Ed Begley Jr.  ...  John 'Stumpy' Pepys
Dana Carvey  ...  
Jean Cromie  ...  Ethereal Fan
Chazz Dominguez  ...  Heavy Metal Fan
Fran Drescher  ...  
Christopher Guest  ...  Nigel Tufnel
Shari Hall  ...  Heavy Metal Fan
Tony Hendra  ...  Ian Faith
David Kaff  ...  Viv Savage
Bruno Kirby  ...  Tommy Pischedda
Danny Kortchmar  ...  Ronnie Pudding
Patrick Macnee  ...  
Patrick Maher  ...  New York M.C.
Michael McKean  ...  David St. Hubbins
R.J. Parnell  ...  Mick Shrimpton
Julie Payne  ...  
Harry Shearer  ...  Derek Smalls
Kimberly Stringer  ...  Heavy Metal Fan
Memo Vera  ...  
Rob Reiner  ...  Marty DiBergi
Comments: Does for rock and roll what "The Sound of Music" did for hills

Summary: Director Marty DiBergi (Rob Reiner) solemnly alerts us to the glory that was Spinal Tap in his introduction to this "rockumentary" about the legendary British heavy-metal group, featuring lead guitarist Nigel Tufnel (Christopher Guest), lead singer David St. Hubbins (Michael McKean), bassist Derek Smalls (Harry Shearer), and a succession of drummers whose careers were cut short by spontaneously combusting on their stool, drowning in somebody else's vomit, or otherwise perishing in untimely fashion.
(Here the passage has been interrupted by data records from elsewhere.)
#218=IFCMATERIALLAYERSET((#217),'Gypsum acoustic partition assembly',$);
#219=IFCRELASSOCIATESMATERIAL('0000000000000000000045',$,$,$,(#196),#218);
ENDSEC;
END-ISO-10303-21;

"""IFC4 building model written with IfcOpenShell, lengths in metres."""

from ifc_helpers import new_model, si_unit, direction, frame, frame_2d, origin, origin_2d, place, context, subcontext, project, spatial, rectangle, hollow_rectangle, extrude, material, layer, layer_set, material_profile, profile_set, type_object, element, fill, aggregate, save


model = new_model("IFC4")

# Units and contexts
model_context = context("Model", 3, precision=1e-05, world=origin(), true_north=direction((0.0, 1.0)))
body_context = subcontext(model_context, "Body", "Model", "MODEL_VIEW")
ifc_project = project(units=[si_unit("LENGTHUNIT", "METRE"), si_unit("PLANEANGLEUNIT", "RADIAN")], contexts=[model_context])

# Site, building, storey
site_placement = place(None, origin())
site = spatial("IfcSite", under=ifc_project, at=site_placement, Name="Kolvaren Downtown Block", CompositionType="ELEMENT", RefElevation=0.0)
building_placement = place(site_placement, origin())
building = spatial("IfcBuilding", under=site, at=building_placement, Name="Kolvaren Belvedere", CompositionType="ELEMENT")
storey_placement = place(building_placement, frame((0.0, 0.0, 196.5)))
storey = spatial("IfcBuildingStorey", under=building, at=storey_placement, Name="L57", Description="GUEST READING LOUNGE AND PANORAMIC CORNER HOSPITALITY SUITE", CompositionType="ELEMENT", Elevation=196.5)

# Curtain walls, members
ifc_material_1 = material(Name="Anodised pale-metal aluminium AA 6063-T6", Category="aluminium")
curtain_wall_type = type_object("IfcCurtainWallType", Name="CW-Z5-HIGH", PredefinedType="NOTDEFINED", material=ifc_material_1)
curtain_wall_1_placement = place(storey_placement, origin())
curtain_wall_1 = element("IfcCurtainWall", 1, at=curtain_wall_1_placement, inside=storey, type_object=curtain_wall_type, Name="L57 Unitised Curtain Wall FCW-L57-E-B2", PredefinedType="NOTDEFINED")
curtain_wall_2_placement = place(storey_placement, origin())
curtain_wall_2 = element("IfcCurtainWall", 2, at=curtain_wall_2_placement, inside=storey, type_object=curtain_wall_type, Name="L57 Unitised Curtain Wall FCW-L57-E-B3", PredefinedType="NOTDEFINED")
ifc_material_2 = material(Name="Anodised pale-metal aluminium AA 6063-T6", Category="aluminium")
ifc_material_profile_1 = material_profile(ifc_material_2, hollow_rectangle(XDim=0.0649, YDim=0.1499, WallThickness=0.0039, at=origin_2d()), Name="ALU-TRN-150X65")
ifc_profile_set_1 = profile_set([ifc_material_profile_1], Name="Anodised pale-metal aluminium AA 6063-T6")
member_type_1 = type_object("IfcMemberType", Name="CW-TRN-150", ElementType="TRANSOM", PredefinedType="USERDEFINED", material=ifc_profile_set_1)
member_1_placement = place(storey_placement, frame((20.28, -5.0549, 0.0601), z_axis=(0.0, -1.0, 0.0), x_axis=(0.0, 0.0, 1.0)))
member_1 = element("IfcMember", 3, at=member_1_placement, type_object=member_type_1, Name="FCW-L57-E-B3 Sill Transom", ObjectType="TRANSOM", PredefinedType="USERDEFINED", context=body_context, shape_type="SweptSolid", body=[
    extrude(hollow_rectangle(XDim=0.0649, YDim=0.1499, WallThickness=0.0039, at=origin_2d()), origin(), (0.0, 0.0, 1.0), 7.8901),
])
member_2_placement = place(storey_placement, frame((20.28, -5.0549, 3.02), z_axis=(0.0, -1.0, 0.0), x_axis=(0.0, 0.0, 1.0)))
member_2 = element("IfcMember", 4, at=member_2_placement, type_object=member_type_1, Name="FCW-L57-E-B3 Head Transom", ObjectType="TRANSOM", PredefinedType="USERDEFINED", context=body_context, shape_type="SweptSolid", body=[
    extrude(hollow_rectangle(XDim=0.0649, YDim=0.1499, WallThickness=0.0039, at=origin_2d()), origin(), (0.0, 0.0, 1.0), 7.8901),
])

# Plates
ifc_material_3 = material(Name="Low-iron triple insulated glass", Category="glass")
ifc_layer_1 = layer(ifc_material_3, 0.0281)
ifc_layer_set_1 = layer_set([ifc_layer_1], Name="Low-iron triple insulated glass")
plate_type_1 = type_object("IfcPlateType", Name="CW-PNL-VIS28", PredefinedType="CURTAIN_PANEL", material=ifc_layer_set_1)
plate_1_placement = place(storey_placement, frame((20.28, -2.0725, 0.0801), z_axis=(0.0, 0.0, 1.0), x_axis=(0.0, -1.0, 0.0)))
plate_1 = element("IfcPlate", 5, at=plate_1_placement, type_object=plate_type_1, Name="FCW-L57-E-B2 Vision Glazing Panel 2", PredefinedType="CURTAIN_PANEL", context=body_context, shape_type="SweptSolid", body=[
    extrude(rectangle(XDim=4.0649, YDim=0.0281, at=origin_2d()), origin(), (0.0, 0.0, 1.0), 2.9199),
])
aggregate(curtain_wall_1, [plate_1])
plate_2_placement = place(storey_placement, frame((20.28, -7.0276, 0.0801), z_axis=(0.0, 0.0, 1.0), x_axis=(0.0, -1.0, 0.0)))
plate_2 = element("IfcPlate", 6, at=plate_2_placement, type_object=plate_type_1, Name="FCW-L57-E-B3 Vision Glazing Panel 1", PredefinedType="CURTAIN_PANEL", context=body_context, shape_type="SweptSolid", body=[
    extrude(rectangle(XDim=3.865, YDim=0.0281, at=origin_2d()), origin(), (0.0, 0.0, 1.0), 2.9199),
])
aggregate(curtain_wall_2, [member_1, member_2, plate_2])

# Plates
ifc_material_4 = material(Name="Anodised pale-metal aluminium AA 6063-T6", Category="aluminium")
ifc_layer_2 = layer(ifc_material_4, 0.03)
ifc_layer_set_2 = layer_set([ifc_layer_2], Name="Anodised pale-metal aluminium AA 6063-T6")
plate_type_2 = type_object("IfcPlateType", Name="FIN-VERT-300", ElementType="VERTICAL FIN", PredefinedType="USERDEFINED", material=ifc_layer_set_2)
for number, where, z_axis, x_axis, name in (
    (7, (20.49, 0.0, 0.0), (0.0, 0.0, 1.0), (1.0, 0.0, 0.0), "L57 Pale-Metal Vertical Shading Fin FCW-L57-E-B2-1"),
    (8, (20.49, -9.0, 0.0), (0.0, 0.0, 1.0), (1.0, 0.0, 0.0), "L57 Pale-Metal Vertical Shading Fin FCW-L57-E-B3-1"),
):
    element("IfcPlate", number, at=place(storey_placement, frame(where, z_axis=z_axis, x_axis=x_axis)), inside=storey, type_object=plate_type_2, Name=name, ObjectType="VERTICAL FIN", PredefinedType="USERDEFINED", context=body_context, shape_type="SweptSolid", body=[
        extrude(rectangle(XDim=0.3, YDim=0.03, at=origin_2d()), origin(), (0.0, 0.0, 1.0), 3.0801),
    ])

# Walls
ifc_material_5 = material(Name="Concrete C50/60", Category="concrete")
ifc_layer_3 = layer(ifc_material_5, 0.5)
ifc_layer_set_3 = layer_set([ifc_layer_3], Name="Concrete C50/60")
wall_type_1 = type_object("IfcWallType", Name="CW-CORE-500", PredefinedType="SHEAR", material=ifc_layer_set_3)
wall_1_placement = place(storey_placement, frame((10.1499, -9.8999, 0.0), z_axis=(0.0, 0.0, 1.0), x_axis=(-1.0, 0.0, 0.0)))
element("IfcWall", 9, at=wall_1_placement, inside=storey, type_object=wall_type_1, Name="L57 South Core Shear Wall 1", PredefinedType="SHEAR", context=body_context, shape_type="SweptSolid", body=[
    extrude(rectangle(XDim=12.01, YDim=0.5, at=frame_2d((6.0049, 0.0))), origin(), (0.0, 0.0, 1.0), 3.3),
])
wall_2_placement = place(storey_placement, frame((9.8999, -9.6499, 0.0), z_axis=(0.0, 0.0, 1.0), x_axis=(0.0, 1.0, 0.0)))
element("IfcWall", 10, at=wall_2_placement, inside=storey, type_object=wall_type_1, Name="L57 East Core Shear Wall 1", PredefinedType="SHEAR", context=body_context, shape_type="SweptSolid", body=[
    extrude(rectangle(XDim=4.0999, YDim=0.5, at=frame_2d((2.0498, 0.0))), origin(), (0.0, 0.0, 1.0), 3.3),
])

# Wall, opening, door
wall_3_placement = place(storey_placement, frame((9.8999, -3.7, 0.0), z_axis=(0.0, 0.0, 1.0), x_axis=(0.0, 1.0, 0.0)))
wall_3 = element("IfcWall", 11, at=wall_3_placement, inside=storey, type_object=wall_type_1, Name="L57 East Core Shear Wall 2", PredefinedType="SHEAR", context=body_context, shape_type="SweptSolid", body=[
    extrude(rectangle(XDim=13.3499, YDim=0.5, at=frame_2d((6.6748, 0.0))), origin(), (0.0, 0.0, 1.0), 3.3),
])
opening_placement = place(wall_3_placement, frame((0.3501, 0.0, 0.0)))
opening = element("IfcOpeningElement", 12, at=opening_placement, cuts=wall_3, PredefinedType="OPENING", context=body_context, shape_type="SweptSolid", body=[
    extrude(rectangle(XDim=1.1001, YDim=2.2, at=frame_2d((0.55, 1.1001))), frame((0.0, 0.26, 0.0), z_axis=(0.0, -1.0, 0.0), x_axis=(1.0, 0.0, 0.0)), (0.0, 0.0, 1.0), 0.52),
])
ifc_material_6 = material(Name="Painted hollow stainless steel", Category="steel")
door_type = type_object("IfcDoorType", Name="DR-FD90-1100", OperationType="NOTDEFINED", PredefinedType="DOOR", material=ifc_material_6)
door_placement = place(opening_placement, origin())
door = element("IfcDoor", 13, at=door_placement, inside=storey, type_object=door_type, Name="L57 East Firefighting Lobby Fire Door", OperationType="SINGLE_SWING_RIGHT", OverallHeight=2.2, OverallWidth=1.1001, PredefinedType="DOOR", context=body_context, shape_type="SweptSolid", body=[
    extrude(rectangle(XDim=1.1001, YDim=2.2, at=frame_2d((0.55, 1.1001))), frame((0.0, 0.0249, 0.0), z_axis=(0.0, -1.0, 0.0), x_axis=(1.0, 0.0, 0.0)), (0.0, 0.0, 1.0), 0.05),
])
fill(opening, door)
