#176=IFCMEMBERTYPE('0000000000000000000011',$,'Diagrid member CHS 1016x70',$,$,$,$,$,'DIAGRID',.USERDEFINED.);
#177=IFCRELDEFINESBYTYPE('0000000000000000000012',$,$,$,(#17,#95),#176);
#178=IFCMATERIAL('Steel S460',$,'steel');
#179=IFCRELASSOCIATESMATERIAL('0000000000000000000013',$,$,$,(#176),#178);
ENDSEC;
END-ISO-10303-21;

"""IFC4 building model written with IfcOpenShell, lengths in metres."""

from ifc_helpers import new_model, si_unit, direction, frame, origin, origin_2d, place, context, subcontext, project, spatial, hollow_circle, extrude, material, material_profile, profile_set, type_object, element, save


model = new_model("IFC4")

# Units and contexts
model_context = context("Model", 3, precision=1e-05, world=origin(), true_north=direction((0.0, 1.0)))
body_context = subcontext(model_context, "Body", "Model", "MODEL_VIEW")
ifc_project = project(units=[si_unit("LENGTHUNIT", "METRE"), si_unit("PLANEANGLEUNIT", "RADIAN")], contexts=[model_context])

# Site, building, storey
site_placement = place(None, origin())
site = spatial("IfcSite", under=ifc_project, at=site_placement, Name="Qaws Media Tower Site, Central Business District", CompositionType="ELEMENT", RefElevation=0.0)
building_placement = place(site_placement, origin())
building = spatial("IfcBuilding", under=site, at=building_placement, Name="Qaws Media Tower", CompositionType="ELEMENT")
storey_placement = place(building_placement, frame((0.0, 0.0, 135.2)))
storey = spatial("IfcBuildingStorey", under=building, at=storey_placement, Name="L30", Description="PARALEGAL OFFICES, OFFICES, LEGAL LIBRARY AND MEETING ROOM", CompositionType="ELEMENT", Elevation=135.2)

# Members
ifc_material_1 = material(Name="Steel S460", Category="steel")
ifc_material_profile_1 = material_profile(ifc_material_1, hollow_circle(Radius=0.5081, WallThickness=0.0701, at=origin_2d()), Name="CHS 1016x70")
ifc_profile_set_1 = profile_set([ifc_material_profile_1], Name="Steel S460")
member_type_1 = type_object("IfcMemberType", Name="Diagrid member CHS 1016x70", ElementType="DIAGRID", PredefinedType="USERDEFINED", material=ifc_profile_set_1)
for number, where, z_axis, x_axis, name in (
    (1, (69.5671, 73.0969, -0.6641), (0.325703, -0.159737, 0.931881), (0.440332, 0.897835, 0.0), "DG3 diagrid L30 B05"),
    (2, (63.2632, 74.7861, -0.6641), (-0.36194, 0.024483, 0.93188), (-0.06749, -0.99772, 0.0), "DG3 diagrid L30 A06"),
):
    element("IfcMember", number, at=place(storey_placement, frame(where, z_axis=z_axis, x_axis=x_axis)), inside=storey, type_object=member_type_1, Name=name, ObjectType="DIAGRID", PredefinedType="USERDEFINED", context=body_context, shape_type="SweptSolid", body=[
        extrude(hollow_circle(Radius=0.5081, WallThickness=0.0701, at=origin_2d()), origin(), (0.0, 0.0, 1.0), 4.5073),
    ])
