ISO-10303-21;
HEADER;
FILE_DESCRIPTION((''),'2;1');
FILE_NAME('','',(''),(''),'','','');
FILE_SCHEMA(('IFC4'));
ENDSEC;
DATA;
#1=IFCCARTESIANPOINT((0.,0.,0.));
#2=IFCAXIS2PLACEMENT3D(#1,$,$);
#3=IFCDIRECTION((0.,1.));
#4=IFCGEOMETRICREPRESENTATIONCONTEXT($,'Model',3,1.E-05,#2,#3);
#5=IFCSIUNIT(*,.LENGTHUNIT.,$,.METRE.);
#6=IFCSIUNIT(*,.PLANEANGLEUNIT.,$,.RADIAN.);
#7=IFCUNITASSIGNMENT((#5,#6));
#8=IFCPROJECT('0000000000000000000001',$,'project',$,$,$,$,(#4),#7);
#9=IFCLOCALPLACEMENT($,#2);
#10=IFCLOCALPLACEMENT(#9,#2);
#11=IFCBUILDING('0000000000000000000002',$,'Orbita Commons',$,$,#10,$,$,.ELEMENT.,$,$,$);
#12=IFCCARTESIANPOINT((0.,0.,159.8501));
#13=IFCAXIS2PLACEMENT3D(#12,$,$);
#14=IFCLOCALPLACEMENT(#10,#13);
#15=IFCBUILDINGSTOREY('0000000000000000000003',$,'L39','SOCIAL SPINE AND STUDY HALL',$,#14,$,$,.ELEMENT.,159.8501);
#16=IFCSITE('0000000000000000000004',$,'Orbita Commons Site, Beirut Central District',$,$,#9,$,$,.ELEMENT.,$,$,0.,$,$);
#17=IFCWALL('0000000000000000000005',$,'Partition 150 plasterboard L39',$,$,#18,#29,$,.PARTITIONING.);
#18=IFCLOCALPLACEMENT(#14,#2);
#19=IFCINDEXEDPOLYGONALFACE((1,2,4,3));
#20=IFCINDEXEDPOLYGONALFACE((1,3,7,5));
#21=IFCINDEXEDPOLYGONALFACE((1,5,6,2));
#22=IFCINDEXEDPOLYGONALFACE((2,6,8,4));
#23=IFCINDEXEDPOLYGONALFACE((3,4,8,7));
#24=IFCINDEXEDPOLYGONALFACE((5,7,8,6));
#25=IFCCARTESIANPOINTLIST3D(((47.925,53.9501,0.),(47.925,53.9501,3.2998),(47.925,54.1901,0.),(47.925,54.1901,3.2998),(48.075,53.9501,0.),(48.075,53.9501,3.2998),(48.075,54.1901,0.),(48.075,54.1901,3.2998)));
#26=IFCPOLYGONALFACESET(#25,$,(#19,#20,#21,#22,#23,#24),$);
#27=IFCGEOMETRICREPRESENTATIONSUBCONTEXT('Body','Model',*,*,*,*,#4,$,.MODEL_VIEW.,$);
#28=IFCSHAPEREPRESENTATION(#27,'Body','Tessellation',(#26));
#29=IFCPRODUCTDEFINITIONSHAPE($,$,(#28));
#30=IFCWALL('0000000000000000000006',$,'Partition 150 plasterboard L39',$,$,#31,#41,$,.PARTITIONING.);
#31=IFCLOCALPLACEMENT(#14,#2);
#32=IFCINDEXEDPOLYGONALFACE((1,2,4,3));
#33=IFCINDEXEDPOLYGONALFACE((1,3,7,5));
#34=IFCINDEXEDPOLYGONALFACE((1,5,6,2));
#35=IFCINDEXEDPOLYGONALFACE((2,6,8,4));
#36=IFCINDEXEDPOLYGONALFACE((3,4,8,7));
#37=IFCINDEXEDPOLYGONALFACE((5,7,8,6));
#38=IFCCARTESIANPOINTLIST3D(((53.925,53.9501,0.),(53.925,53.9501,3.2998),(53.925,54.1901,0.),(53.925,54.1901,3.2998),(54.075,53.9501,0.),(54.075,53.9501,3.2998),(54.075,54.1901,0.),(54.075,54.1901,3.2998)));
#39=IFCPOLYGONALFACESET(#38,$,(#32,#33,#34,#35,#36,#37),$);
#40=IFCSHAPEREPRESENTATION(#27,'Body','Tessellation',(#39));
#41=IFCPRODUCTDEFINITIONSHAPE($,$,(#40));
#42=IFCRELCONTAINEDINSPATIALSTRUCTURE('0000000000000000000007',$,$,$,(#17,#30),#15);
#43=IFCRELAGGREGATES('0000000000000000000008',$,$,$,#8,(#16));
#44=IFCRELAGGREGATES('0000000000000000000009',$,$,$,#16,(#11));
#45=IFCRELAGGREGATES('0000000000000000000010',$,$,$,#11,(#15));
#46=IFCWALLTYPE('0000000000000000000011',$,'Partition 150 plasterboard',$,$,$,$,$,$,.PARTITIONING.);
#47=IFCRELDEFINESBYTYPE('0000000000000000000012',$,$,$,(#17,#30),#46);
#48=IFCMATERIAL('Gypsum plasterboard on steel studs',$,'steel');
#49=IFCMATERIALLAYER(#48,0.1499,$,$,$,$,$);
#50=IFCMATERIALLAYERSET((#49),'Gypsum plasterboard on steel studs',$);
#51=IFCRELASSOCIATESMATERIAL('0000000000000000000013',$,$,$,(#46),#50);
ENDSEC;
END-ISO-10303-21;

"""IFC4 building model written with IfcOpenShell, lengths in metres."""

from ifc_helpers import new_model, si_unit, direction, frame, frame_2d, origin, place, context, subcontext, project, spatial, rectangle, extrude, material, layer, layer_set, type_object, element, save


model = new_model("IFC4")

# Units and contexts
model_context = context("Model", 3, precision=1e-05, world=origin(), true_north=direction((0.0, 1.0)))
body_context = subcontext(model_context, "Body", "Model", "MODEL_VIEW")
ifc_project = project(units=[si_unit("LENGTHUNIT", "METRE"), si_unit("PLANEANGLEUNIT", "RADIAN")], contexts=[model_context])

# Site, building, storey
site_placement = place(None, origin())
site = spatial("IfcSite", under=ifc_project, at=site_placement, Name="Orbita Commons Site, Beirut Central District", CompositionType="ELEMENT", RefElevation=0.0)
building_placement = place(site_placement, origin())
building = spatial("IfcBuilding", under=site, at=building_placement, Name="Orbita Commons", CompositionType="ELEMENT")
storey_placement = place(building_placement, frame((0.0, 0.0, 159.8501)))
storey = spatial("IfcBuildingStorey", under=building, at=storey_placement, Name="L39", Description="SOCIAL SPINE AND STUDY HALL", CompositionType="ELEMENT", Elevation=159.8501)

# Walls
ifc_material_1 = material(Name="Gypsum plasterboard on steel studs", Category="steel")
ifc_layer_1 = layer(ifc_material_1, 0.1499)
ifc_layer_set_1 = layer_set([ifc_layer_1], Name="Gypsum plasterboard on steel studs")
wall_type_1 = type_object("IfcWallType", Name="Partition 150 plasterboard", PredefinedType="PARTITIONING", material=ifc_layer_set_1)
for number, where, z_axis, x_axis, name in (
    (1, (48.0, 53.95, 0.0), (0.0, 0.0, 1.0), (0.0, 1.0, 0.0), "Partition 150 plasterboard L39"),
    (2, (54.0, 53.95, 0.0), (0.0, 0.0, 1.0), (0.0, 1.0, 0.0), "Partition 150 plasterboard L39"),
):
    element("IfcWall", number, at=place(storey_placement, frame(where, z_axis=z_axis, x_axis=x_axis)), inside=storey, type_object=wall_type_1, Name=name, PredefinedType="PARTITIONING", context=body_context, shape_type="SweptSolid", body=[
        extrude(rectangle(XDim=0.24, YDim=0.1499, at=frame_2d((0.1201, 0.0))), origin(), (0.0, 0.0, 1.0), 3.2998),
    ])

save(model, "model.ifc")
Under DiBergi's studious interrogation, the band and their familiars retrace the band's evolution from head-bopping Mersey Beat poseurs to head-banging metal poseurs, each change in musical direction or tonsorial chic having little effect on the surviving trio's sublime idiocy. For, as St. Hubbins (he's the "deep" one, relatively speaking) sagely observes, "It's such a fine line between stupid and clever."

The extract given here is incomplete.